Fig. 5.

The lipid metabolism pathway and Pparα are miR-21 targets in kidney injury. (A) De-repressed genes from microarray analysis of UUO kidneys from miR-21^-/- or miR-21^+/+ mice by biological process. Green bars highlight lipid metabolism (B) Heat map (blue-low, red, high) comparing lipid metabolism genes that are over-represented in Pparα transgenic mouse muscle with miR-21 deficient UUO kidneys (C) Photomicrogaphs showing expression of Pparα in normal and UUO kidney. (D) Q-PCR for Ppara transcripts normalized to Gapdh in miR-21^-/- or miR-21^+/+ mice. (E-F) Western blot (F) and band intensity quantification (E) for Pparα in UUO kidneys from miR-21^-/- or miR-21^+/+ mice. (G-H) Q-PCR and Western blot of confluent monolayers of primary epithelial cultures for Pparα from kidneys from miR-21^-/- or miR-21^+/+ mice, in normal culture conditions or following 24h of hypoxia.
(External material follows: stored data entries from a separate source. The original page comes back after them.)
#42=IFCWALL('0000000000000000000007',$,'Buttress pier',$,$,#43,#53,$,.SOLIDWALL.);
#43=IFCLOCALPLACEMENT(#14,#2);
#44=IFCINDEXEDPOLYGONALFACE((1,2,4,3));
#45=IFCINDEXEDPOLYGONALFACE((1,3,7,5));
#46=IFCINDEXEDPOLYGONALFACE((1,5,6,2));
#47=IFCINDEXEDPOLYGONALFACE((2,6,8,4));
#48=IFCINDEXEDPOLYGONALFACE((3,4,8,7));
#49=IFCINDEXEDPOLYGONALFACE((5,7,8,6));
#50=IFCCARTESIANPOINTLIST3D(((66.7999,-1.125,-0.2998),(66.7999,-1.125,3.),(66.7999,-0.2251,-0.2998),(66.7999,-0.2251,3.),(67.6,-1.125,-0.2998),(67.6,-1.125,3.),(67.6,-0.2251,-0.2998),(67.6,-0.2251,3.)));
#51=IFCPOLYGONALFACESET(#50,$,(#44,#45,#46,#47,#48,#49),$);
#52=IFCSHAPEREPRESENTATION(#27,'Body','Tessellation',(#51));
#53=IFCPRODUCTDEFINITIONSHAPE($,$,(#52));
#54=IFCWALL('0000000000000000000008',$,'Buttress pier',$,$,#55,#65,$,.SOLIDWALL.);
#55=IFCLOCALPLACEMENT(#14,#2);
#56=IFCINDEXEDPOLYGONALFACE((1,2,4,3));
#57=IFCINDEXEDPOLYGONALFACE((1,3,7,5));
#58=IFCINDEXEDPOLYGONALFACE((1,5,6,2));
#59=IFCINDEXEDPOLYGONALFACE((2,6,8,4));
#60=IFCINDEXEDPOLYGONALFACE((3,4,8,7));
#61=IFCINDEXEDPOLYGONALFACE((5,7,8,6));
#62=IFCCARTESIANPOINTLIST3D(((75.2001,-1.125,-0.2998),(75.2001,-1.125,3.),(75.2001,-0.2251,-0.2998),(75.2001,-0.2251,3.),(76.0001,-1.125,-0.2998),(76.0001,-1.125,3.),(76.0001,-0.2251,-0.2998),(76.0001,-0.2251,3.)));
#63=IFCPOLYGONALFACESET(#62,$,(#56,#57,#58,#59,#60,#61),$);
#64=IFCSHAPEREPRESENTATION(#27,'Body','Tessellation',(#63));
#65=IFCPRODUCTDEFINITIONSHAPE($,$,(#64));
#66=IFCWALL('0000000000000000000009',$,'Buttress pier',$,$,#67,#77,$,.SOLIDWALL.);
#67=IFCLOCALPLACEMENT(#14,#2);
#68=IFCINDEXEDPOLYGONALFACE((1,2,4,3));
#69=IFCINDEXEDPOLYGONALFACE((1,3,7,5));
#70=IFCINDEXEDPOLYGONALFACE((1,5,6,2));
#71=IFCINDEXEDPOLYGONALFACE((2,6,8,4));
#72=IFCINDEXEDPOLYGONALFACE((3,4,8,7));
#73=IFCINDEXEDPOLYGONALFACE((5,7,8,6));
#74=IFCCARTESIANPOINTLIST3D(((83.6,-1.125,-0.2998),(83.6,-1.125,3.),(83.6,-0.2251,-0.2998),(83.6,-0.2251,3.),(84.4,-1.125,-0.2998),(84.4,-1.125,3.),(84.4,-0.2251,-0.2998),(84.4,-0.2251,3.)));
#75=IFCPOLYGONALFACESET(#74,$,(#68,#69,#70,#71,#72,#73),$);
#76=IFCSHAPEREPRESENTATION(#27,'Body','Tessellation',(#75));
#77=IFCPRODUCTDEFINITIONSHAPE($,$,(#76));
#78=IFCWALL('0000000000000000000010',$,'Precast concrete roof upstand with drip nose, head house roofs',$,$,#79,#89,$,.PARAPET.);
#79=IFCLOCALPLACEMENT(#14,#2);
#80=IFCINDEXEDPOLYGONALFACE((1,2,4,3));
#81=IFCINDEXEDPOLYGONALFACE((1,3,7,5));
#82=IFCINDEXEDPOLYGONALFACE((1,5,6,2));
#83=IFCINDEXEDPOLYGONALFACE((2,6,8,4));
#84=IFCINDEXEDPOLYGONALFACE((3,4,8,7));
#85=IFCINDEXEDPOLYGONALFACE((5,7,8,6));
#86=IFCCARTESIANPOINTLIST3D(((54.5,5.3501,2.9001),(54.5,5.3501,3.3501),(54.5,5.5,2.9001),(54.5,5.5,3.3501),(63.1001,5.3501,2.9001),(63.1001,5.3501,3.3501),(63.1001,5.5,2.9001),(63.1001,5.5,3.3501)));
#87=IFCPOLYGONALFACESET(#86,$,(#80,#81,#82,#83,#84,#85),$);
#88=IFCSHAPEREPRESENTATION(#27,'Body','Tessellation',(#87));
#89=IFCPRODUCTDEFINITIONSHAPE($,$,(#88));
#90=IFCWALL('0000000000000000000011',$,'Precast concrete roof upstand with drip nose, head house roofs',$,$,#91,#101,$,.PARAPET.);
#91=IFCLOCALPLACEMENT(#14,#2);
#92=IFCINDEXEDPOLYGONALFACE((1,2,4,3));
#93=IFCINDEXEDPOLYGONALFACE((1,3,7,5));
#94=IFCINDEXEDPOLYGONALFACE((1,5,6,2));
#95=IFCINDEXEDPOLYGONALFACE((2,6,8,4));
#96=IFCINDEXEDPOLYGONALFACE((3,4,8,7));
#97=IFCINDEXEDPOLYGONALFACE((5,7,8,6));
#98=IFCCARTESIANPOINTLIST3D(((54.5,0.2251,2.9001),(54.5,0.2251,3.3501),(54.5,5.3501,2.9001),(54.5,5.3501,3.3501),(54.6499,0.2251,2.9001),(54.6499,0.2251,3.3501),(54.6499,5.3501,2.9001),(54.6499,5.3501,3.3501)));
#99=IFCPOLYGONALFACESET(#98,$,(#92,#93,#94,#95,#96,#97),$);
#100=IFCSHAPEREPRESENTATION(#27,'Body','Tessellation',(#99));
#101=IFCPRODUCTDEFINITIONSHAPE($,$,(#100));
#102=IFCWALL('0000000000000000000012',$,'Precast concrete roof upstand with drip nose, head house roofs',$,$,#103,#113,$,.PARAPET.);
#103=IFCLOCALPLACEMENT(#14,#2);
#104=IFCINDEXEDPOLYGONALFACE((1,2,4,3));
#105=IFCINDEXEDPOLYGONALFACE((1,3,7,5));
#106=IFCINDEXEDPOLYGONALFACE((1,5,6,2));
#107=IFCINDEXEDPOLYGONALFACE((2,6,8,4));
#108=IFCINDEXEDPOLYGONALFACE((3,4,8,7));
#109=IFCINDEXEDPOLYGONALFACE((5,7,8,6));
Schema (J) and characterization (K-N) of the response of kidneys to UUO injury during over-expression of Pparα in androgen sensitive conditional KAP2-Ppara transgenic female mice. (K) Ppara expression in normal kidneys 5d after implantation of testosterone (t) or sham. (L) Q-PCR quantification of Mcad transcripts, (M) Western Blot and quantification of αSMA in sham or UUO kidneys of Kap2-Ppara or WT mice treated with testosterone and (N) Quantification of Sirius red stained fibrosis. (P-R) Characterization of the response of Ppara^-/- kidneys to anti-miR21 administration. Graphs quantifying Sirius red stained fibrosis (P) and Collagen transcript quantification in UUO or sham surgery kidneys (Q), or epithelial injury scores (R) in UUO kidneys. (n= 3-7/group. * P<0.05, **P<0.01. Bar = 100μm).